Anyone who is constantly dealing with decline and death tends to have gloomy thoughts. However, this is neither good for the carer nor helpful when dealing with residents in need of care. That is why Gestalt therapist and theologian Leonhard Fromm has seven tips to keep your mood up or brighten it up again after a crisis situation and thus improve your mental health.
Tip one: Carers should not focus on shortcomings and deficits, but on the good things: What was nice today? What did I do particularly well? What was I happy about? What am I particularly good at? What are my strengths? This could have been praise from a colleague, a nice encounter with relatives, a funny incident with a resident or the introduction of a new employee or trainee. This exchange can take place in the team, for example before the handover, or at home on a piece of paper.
Tip two: Disruptions and conflicts should not be „swallowed“, but addressed openly. This is not about criticizing or even shaming someone else, but about acknowledging your own anger. It is helpful to proceed consistently in three steps: What are the facts? What is my judgment and finally: What are my feelings about it? Because what is said cannot grow inside us, has no negative impact on our mental health and therefore cannot make us bitter.
Tip three: Expectations are the cause of disappointment of any kind, especially if they have not been openly communicated beforehand. Closely linked to expectations are judgments and assumptions such as „you can see that!“, „everyone does it that way!“ etc. Closely related to this is generalization, which is wrong simply because it is absolute. It is therefore better for your own state of mind not to judge, but simply to perceive and at best be surprised that someone obviously doesn’t see something, doesn’t know it, does it differently – or doesn’t do it at all.
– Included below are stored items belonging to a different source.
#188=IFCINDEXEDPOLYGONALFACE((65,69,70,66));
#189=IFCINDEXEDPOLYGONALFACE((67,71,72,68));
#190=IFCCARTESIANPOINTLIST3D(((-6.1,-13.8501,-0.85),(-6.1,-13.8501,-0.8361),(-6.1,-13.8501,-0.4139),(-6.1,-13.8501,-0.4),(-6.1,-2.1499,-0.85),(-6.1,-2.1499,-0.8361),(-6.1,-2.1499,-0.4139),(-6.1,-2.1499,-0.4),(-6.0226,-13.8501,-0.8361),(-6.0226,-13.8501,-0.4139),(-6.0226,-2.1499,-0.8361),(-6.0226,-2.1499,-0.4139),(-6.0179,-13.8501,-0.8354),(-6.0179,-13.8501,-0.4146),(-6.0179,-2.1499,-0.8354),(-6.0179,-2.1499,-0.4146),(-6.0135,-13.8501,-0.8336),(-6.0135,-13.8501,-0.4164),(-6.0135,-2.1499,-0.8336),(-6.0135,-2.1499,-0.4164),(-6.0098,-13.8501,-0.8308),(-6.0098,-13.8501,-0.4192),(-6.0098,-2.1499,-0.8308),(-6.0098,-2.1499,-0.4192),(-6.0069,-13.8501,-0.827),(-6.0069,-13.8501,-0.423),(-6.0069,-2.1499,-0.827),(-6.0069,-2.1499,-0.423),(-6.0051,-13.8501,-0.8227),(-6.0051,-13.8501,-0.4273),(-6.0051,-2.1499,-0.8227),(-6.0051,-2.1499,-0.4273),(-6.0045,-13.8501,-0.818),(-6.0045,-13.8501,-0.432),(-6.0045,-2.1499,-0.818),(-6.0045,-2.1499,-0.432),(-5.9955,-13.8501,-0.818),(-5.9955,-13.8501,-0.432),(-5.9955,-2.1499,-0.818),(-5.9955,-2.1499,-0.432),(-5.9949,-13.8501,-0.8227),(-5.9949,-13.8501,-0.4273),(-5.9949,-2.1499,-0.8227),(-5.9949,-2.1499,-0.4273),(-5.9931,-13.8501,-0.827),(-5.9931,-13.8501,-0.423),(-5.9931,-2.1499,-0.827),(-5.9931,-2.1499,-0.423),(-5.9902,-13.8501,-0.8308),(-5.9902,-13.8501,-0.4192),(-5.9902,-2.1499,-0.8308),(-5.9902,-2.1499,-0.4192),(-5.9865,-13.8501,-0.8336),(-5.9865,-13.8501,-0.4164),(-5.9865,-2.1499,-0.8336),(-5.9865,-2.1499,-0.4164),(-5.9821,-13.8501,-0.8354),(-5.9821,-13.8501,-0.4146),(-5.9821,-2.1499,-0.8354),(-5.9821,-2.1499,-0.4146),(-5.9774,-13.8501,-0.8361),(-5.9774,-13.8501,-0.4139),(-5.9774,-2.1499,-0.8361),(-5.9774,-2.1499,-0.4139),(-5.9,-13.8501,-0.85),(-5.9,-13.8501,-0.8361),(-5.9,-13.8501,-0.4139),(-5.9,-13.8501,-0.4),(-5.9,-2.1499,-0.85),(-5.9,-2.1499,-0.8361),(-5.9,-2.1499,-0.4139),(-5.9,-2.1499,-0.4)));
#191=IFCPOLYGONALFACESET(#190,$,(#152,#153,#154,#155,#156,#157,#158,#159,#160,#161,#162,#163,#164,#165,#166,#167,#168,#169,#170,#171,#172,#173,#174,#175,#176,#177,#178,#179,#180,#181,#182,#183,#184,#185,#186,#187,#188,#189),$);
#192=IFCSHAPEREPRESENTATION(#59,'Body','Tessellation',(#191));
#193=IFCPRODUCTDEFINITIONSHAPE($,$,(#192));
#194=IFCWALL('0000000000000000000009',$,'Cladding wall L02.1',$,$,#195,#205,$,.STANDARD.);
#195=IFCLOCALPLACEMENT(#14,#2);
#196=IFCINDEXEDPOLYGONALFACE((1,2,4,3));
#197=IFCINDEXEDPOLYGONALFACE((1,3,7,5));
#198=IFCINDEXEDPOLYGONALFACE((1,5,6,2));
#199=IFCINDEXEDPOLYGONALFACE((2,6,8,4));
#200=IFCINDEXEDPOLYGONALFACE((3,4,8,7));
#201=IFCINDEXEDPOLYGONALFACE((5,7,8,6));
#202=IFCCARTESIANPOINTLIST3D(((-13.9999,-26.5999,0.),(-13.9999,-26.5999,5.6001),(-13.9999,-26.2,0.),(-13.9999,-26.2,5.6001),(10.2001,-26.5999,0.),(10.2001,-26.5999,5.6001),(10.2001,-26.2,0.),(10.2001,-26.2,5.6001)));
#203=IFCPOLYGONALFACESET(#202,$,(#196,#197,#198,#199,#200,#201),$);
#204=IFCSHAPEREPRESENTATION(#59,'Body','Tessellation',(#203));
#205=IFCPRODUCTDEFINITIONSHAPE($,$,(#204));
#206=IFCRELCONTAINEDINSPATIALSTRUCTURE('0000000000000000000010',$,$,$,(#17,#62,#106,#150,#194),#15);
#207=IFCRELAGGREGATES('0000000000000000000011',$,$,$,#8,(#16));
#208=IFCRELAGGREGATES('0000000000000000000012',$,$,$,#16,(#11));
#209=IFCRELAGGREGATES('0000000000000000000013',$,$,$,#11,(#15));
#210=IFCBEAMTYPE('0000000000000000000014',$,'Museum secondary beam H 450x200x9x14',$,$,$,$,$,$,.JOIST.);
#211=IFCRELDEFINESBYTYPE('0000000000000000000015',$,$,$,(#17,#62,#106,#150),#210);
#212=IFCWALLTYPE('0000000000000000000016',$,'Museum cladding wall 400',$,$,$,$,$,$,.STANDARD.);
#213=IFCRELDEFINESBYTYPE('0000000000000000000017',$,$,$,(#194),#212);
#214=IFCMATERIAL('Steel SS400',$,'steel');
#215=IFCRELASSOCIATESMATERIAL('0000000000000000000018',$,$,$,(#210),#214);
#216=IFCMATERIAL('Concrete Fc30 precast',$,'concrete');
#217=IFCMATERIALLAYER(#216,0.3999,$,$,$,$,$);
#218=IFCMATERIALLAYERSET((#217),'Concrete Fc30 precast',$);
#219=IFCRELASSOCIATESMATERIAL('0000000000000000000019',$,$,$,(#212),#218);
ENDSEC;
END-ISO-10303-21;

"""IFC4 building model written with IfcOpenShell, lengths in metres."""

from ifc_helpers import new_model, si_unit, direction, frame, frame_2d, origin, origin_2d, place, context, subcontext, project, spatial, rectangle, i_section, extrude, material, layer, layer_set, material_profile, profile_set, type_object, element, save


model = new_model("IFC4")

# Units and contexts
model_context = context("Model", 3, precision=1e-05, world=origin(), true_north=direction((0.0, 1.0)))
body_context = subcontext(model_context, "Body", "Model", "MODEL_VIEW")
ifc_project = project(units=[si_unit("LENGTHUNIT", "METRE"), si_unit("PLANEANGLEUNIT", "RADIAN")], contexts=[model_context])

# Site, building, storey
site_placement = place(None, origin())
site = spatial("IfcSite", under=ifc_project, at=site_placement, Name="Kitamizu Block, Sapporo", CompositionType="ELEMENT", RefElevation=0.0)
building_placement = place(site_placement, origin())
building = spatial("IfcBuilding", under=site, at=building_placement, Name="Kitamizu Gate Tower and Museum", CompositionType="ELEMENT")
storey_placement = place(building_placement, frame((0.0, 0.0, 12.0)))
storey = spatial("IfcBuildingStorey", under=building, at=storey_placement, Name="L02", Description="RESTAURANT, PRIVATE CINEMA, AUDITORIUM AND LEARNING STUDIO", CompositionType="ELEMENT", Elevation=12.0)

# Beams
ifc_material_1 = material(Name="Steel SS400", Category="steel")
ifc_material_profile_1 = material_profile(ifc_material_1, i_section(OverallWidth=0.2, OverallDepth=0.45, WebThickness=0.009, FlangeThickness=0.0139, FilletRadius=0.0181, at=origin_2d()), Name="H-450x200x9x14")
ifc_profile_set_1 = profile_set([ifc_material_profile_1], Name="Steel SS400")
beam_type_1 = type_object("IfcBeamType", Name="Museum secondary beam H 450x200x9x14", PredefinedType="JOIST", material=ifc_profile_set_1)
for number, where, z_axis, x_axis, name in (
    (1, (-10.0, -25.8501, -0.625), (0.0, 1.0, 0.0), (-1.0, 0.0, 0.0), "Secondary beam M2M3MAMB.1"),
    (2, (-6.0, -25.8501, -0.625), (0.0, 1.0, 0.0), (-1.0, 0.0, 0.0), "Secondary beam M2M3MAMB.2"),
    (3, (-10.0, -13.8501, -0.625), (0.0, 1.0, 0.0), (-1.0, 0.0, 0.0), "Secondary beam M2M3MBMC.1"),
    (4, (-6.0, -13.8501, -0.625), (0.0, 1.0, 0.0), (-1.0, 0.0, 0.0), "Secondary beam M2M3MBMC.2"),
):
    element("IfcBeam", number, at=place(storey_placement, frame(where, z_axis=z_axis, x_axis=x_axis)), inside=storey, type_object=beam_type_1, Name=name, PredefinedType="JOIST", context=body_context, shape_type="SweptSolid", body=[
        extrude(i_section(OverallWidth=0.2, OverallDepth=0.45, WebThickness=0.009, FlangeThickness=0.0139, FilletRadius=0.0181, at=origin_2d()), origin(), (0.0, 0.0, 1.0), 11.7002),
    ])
There can be a hundred reasons for this that we don’t know.
Tip four: Instead of speeding up in stressful situations, it can be wise to slow down for a moment, pause and take a deep breath. Because, as a rule, care is not a matter of life and death, but only of better or worse, faster or slower, sooner or later. And in order to be able to consciously perceive this and, as it were, come to terms with your own soul, you need a brief interruption.
Tip five: Because we are – fortunately – not machines, we cannot function perfectly all the time. That’s why we should interrupt our routine with small, deliberate highlights and celebrate our successes. For example, if a resident has unexpectedly eaten well or dressed herself. Then this woman should be praised and ultimately the person being praised expresses their own gratitude and ability to live in the moment.
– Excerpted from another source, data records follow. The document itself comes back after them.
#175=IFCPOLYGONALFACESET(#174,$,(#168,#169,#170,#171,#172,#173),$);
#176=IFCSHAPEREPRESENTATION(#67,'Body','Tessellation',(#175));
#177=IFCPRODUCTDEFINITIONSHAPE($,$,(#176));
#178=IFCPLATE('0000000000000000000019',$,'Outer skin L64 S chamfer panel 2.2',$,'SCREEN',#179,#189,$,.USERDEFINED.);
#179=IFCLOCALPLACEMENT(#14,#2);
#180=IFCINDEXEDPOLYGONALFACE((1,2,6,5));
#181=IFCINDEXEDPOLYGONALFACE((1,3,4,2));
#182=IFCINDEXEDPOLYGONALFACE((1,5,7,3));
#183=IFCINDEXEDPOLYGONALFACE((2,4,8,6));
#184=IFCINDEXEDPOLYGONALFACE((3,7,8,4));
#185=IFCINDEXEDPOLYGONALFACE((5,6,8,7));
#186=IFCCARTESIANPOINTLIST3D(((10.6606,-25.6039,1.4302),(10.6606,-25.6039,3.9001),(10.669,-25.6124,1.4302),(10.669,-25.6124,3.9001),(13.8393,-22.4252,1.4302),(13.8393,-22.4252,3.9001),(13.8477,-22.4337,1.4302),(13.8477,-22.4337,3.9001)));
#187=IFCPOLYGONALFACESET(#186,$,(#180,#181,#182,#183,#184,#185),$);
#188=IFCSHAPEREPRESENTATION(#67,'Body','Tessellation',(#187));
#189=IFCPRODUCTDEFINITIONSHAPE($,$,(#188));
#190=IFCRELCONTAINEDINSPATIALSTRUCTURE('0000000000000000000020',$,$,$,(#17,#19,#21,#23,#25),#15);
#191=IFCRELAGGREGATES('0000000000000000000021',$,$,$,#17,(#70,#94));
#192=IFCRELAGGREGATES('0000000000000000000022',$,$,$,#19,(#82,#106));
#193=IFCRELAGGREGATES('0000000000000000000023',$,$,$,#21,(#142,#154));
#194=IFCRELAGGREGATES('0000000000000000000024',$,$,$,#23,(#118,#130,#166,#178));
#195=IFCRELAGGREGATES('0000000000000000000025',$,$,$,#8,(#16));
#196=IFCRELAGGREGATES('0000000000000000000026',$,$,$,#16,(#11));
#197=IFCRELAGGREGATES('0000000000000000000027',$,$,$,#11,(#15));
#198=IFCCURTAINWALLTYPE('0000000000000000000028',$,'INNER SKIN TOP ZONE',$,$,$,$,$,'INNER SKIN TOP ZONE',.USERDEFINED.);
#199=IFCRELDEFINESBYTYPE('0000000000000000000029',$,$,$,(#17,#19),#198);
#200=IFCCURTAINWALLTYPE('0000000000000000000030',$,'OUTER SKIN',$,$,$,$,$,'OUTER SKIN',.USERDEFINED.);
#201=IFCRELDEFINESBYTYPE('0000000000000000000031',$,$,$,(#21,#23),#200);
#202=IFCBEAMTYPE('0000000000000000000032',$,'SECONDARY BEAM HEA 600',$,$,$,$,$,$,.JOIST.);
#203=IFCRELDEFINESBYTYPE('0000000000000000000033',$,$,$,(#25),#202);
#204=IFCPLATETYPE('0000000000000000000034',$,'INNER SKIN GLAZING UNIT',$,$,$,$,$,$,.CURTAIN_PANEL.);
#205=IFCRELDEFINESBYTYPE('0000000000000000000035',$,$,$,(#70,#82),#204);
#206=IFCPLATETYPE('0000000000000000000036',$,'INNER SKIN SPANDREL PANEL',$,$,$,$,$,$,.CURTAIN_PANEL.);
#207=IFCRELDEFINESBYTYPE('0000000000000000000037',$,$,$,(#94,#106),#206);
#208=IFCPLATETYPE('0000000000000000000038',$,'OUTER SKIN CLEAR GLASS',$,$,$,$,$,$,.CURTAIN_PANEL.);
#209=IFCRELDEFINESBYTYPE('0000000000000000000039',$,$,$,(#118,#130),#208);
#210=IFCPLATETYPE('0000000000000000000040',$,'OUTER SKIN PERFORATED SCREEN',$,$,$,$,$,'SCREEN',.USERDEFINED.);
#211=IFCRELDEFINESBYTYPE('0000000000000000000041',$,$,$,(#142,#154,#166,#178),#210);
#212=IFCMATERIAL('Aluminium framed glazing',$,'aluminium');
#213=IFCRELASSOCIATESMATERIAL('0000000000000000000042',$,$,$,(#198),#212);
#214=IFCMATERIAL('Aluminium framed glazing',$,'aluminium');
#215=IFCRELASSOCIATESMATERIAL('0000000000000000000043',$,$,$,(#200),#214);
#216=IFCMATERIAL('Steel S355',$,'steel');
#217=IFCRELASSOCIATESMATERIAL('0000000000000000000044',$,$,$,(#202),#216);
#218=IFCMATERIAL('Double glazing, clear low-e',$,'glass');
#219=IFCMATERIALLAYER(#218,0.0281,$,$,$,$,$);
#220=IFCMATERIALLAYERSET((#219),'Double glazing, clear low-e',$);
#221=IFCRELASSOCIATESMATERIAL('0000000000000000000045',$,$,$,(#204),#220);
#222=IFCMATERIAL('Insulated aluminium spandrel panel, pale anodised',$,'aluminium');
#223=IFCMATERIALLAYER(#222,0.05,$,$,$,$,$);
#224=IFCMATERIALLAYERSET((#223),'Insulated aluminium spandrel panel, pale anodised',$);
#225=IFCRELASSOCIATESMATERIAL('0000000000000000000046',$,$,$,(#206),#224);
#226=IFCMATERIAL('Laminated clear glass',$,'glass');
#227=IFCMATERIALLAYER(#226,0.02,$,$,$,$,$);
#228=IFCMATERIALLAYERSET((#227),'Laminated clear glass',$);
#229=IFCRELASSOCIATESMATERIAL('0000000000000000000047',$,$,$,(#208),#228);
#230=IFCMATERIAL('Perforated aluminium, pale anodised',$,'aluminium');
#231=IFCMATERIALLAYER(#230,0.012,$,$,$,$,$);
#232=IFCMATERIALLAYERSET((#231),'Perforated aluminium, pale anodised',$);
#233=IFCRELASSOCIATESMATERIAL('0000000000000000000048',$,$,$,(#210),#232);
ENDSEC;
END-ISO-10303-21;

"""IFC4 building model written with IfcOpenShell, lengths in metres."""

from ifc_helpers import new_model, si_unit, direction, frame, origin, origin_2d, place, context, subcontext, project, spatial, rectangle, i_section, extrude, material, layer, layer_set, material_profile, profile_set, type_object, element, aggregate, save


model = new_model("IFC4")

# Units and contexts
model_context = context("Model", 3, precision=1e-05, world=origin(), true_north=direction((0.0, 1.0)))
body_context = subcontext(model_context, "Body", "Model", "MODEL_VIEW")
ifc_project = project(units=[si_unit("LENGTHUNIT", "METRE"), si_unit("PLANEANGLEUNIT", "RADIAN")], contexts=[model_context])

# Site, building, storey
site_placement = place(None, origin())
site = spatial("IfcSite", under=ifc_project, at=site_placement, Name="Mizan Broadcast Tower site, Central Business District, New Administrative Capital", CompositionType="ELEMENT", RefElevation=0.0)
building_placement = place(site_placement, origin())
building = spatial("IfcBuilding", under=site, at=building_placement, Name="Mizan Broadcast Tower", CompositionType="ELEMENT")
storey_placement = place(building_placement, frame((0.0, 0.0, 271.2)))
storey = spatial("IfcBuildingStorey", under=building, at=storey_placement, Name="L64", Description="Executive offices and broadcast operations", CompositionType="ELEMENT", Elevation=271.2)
Tip six: Everything goes better with humor. As hackneyed as the phrase may be, it’s still true. For everyday life on the nursing ward, this means not taking things so seriously, or even doggedly, but taking things easy. Rather with the attitude: things could have been much worse. A „paradoxical intervention“, i.e. deliberate exaggeration, can also be beneficial. For example: „If another colleague is ill tomorrow, we can close the store. Then we’ll all go to bed.“ Incidentally, singing also belongs in this category: it relaxes and makes us feel beautiful and has a positive impact on our mental health.
Tip seven: This recommendation may sound controversial, but I am making it here in view of all the crises in our world. We have food, medication, beds – the heating works and we also have running water. Yes, despite everything that goes wrong and doesn’t work: We live in peace and freedom and our salary is in our bank account every month.